Citerar Sébastien Boisvert <sebastien.boisver...@ulaval.ca>:

> On 21/10/11 12:39 PM, Ola Wallerman wrote:
>> Hi again,
>>
>> just for your information: the strange insert size was indeed a fault
>> on my side (I used the same file for both ends for that library...).
>
> ;)
>
>>  I
>> will try to run the whole dataset during the weekend.
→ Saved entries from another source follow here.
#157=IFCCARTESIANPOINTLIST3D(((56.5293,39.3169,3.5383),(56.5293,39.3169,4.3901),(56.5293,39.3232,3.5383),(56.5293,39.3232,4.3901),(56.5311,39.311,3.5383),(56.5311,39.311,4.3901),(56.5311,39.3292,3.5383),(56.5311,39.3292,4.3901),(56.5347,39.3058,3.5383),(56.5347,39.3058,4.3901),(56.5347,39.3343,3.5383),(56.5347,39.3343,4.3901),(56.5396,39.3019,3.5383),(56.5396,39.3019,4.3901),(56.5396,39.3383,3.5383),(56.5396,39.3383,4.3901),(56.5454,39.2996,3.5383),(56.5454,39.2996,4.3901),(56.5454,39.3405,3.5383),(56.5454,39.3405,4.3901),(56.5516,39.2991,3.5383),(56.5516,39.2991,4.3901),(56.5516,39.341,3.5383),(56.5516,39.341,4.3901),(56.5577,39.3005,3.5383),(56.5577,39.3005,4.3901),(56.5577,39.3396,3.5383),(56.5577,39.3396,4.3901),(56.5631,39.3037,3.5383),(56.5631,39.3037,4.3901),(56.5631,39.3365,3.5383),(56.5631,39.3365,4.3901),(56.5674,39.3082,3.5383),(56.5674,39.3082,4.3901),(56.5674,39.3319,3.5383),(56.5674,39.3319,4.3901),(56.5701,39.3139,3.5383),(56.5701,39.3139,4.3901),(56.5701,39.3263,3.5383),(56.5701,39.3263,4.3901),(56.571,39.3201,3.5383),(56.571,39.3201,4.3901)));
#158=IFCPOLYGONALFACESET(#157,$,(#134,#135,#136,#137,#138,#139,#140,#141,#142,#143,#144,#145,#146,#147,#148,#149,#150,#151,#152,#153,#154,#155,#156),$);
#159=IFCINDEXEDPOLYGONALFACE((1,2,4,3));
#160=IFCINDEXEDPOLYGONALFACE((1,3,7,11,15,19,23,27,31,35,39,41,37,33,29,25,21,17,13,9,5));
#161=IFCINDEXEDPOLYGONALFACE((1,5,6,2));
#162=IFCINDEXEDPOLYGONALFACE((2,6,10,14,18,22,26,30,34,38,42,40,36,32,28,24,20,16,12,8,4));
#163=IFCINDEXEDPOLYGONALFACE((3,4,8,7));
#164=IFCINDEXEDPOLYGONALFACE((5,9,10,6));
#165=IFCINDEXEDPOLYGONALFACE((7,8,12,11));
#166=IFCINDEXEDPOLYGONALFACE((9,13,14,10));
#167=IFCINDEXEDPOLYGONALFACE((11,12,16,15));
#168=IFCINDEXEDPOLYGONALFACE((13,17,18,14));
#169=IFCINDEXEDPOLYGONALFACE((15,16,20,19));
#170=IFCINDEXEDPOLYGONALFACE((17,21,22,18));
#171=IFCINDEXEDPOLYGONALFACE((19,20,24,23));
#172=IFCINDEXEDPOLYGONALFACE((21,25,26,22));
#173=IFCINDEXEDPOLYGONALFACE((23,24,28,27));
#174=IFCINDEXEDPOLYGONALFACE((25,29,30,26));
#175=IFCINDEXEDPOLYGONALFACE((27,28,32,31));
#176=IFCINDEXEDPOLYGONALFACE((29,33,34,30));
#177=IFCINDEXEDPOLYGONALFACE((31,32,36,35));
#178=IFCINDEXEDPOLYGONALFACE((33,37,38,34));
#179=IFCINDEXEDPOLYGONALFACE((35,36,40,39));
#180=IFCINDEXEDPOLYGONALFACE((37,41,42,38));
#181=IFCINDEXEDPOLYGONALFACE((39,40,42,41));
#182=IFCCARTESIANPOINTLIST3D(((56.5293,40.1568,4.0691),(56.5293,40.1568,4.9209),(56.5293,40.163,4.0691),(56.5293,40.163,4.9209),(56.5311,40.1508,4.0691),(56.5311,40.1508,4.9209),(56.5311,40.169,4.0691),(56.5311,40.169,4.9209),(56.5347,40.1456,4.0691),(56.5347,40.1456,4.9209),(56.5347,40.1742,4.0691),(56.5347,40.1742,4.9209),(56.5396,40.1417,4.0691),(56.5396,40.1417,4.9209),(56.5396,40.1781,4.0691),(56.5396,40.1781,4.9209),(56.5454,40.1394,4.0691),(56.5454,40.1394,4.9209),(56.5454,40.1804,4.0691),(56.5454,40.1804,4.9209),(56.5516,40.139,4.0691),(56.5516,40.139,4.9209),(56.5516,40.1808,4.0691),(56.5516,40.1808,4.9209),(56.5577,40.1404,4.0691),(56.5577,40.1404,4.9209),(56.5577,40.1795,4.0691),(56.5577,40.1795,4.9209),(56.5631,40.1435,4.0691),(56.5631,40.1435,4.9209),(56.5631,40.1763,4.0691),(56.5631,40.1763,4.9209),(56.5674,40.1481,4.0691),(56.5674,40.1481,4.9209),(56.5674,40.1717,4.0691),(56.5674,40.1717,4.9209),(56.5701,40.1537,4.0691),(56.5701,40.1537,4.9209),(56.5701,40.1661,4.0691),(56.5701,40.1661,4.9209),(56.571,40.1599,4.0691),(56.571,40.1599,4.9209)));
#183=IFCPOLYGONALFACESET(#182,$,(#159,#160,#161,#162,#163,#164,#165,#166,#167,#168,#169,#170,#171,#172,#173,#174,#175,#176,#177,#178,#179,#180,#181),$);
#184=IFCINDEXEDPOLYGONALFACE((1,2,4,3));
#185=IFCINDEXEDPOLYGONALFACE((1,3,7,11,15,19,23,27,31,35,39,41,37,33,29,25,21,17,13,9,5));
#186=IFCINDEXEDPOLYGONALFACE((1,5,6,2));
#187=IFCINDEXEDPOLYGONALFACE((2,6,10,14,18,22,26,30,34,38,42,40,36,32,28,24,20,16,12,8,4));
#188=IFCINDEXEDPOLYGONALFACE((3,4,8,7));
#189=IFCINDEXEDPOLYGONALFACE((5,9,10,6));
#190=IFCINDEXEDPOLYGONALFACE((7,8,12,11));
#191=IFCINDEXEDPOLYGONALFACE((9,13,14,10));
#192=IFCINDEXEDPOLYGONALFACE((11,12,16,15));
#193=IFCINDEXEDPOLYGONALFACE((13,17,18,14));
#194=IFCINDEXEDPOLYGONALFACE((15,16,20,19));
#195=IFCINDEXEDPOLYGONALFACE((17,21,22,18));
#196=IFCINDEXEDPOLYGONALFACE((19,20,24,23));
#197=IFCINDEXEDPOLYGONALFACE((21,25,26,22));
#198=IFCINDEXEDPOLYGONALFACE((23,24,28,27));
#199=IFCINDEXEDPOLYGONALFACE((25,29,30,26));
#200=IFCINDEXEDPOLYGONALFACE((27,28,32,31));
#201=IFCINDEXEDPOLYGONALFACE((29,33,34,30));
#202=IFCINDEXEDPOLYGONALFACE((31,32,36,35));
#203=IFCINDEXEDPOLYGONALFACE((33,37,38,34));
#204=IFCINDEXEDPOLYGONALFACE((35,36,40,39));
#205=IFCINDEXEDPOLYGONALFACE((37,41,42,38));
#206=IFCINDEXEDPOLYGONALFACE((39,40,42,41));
I also did a run
>> on the ION ecoli dataset with a longer k-mer (51); it improved the N50
>> quite substantially, from 8,1 to 16.9 kb. Perhaps it is due to the
>> high indel rate.
>>
>>
>
> Presumably it is.
>
>> The bacterial contamination is not unexpected, when making libraries
>> with very low amount of input the risk of bacterial DNa from some of
>> the reagents to be included increases.
>>
>>
>
> OK !
>
>
>> Ola
>>
>>
>> Citerar Sébastien Boisvert<sebastien.boisver...@ulaval.ca>:
>>
>>
>>> On 20/10/11 05:20 PM, Ola Wallerman wrote:
>>>
>>>> Hi,
>>>>
>>>> thanks for the quick reply. The latency was between 245 - 275 ms. I am
>>>> running a tes with ION torrent data now (from the new 318 ChIP) and
>>>> latencies are now ~ 133 ms. What is expected / good numbers?
>>>>
>>>>
>>>>
>>> I guess you mean microseconds, not milliseconds.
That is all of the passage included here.